“买药?”秦致远冷笑了一声,“是买药,还是替罗朗补上广州那边欠下的赌资?”
电话那头明显停顿了一瞬,随即罗媛嗓音更尖,更硬,里头却带着点心虚:“你瞎扯什么!那钱就是给妈买营养品的!秦致远,你别扯远了!我知道你心里还在怨我,想拿这事压我认错,我跟你说,没门!钱赶紧打过来,要是把我妈气出事,我跟你算账!”
“罗媛。”
秦致远打断了她滔滔不绝。
车子正开进一条树荫路,透过挡风玻璃的光线有点晃眼。
他眯了下眼睛,像在陈述一个简单事实般平静:
“你是不是忘了,上午我们刚从民政局出来。”
“那又咋样?”罗媛底气十足,“好歹做过三年夫妻,你都叫了她三年妈了,给点赡养费不应该吗?你一年挣几百万,会在乎这两万八?”
听着这套歪理,秦致远只觉得可笑。
这就是他追了五年、娶回家的女人。
这就是他这些年拼命维持的所谓小家。
贪得无厌,短视,又一点羞耻心都没有。
“罗媛,你给我听清楚。”
秦致远字字清楚,声音不重,却透着股冷硬的力道:
“都离婚了,她还能算是我妈?”
电话那头顿时静了。
像被谁按了静音,连呼吸都听不见。
秦致远没给她缓的机会,接着道:
“既然离净了,她对我来说,就是个跟我毫无血缘的陌生老太太,我秦致远有点钱,也没好心到去供养前妻的妈,更没义务替你那废物弟弟兜底。”

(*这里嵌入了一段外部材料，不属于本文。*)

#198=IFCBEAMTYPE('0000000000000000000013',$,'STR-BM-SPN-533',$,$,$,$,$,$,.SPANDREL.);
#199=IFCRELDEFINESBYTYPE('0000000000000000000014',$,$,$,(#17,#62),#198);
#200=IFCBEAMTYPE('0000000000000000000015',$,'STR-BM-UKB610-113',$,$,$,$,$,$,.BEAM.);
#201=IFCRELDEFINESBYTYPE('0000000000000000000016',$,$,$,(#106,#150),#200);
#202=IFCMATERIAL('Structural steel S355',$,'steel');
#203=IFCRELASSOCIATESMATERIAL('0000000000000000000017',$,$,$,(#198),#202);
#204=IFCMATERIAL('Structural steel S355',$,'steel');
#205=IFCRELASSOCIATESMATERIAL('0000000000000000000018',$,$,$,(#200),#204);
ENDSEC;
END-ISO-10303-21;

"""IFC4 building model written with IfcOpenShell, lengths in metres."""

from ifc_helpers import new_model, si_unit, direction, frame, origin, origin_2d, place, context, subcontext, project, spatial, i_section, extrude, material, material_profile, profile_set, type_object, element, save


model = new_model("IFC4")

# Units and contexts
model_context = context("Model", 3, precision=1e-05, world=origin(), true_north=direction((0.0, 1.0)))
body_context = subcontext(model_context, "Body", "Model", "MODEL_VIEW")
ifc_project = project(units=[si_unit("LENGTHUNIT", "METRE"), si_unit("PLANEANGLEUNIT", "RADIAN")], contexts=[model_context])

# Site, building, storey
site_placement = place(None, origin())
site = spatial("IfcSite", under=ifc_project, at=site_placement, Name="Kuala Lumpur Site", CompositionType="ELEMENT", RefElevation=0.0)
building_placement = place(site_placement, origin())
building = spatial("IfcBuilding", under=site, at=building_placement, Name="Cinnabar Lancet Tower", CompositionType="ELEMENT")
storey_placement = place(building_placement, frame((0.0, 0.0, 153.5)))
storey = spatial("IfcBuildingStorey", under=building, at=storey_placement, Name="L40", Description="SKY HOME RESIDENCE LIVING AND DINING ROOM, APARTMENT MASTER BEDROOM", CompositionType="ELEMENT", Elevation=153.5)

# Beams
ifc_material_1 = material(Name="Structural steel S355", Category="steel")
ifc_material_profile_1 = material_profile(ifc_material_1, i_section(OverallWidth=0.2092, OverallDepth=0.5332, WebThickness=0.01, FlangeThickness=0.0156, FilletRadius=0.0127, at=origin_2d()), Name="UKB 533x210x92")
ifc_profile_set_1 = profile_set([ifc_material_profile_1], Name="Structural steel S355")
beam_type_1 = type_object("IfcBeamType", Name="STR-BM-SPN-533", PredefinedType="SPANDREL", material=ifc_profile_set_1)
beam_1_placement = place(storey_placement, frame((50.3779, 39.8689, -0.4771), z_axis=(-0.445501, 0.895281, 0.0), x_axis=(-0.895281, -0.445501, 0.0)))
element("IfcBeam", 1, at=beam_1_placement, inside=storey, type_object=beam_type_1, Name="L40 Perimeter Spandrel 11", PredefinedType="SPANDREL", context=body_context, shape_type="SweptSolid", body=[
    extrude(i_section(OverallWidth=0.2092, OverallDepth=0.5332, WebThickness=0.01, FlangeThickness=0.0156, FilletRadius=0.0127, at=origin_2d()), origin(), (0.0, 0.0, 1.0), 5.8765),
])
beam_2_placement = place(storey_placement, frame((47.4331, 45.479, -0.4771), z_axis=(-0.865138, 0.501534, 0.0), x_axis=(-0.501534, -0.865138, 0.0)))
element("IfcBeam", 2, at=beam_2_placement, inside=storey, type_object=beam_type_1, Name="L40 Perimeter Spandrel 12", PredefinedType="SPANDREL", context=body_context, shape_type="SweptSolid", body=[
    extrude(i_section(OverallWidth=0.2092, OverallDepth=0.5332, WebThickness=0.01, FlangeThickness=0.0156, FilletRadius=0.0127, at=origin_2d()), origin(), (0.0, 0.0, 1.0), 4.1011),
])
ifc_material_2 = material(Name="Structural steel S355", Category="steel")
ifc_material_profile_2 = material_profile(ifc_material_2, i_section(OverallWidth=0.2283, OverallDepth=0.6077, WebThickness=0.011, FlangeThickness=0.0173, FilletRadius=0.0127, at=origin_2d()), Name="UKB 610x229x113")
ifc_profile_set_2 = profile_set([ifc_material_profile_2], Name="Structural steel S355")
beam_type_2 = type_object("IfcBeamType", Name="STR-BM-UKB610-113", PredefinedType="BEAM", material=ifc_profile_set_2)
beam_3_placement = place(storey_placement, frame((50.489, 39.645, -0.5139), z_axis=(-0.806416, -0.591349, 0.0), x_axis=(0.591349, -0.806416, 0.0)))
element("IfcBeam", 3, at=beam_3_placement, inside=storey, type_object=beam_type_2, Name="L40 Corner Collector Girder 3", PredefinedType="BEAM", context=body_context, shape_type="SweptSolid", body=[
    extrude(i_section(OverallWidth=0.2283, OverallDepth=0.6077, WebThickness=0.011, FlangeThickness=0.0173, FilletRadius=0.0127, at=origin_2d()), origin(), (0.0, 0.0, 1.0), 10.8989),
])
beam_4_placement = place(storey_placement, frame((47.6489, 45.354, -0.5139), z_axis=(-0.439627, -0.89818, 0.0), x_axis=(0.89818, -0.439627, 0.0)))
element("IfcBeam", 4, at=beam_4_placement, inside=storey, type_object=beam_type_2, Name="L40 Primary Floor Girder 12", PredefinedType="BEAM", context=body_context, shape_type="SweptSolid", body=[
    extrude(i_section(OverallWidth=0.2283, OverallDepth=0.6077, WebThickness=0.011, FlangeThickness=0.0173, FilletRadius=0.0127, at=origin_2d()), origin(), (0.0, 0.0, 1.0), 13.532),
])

“不光生活费停了,你的副卡我也挂失注销了。房子是我婚前全款买的,门锁密码已经改了,你的东西我会让人打包寄回罗家。”
“以后别再打我电话,我们之间,如果还有联系,也只会是法院的文书。”
说完,秦致远直接按掉了通话。
“嘟——嘟——嘟——”
罗家客厅里,罗媛握着手机愣在原地,脸色一阵红一阵白,又慢慢发青。
“咋……咋说的?”罗桂香赶紧凑过来,一脸紧张,“钱什么时候能到?”
罗媛慢慢放下手机,耳边还回响着秦致远那句冷冰冰的反问——
“都离婚了,她还能算是我妈?”
这话就像一巴掌甩在她脸上,把她那点“秦致远离不开我”的优越感彻底打碎。
“妈……”罗媛嗓子发紧,“他说……你跟他没关系了,他一分钱都不会给了。”
“什么?!”刘桂芝嗓门拔高,猛地从沙发上蹿起来,“这个没良心的东西!翅膀硬了是吧!不行,这钱他必须给!要是敢不给,我明天就去他公司堵门!看他这个大领导还要不要脸!”
叶景诚也急得直哆嗦,一把抓住叶清岚的胳膊:“姐!他要是真不打钱过来我咋办?那个放码的说了,要是明天还不上,就要砸我一只手啊!姐你赶紧想辙啊!”
望着乱成一锅粥的母亲和弟弟,叶清岚第一次感到一种从没体验过的窒息。
以前,无论发生什么,只要她回头,周启衡就在那里,像一堵墙一样帮她挡住所有麻烦,把一切烂摊子收拾净。
可现在,这堵墙塌了。
准确点说,是自己搬走了。
只剩她一个人,赤手空拳地站在现实的暴雨里。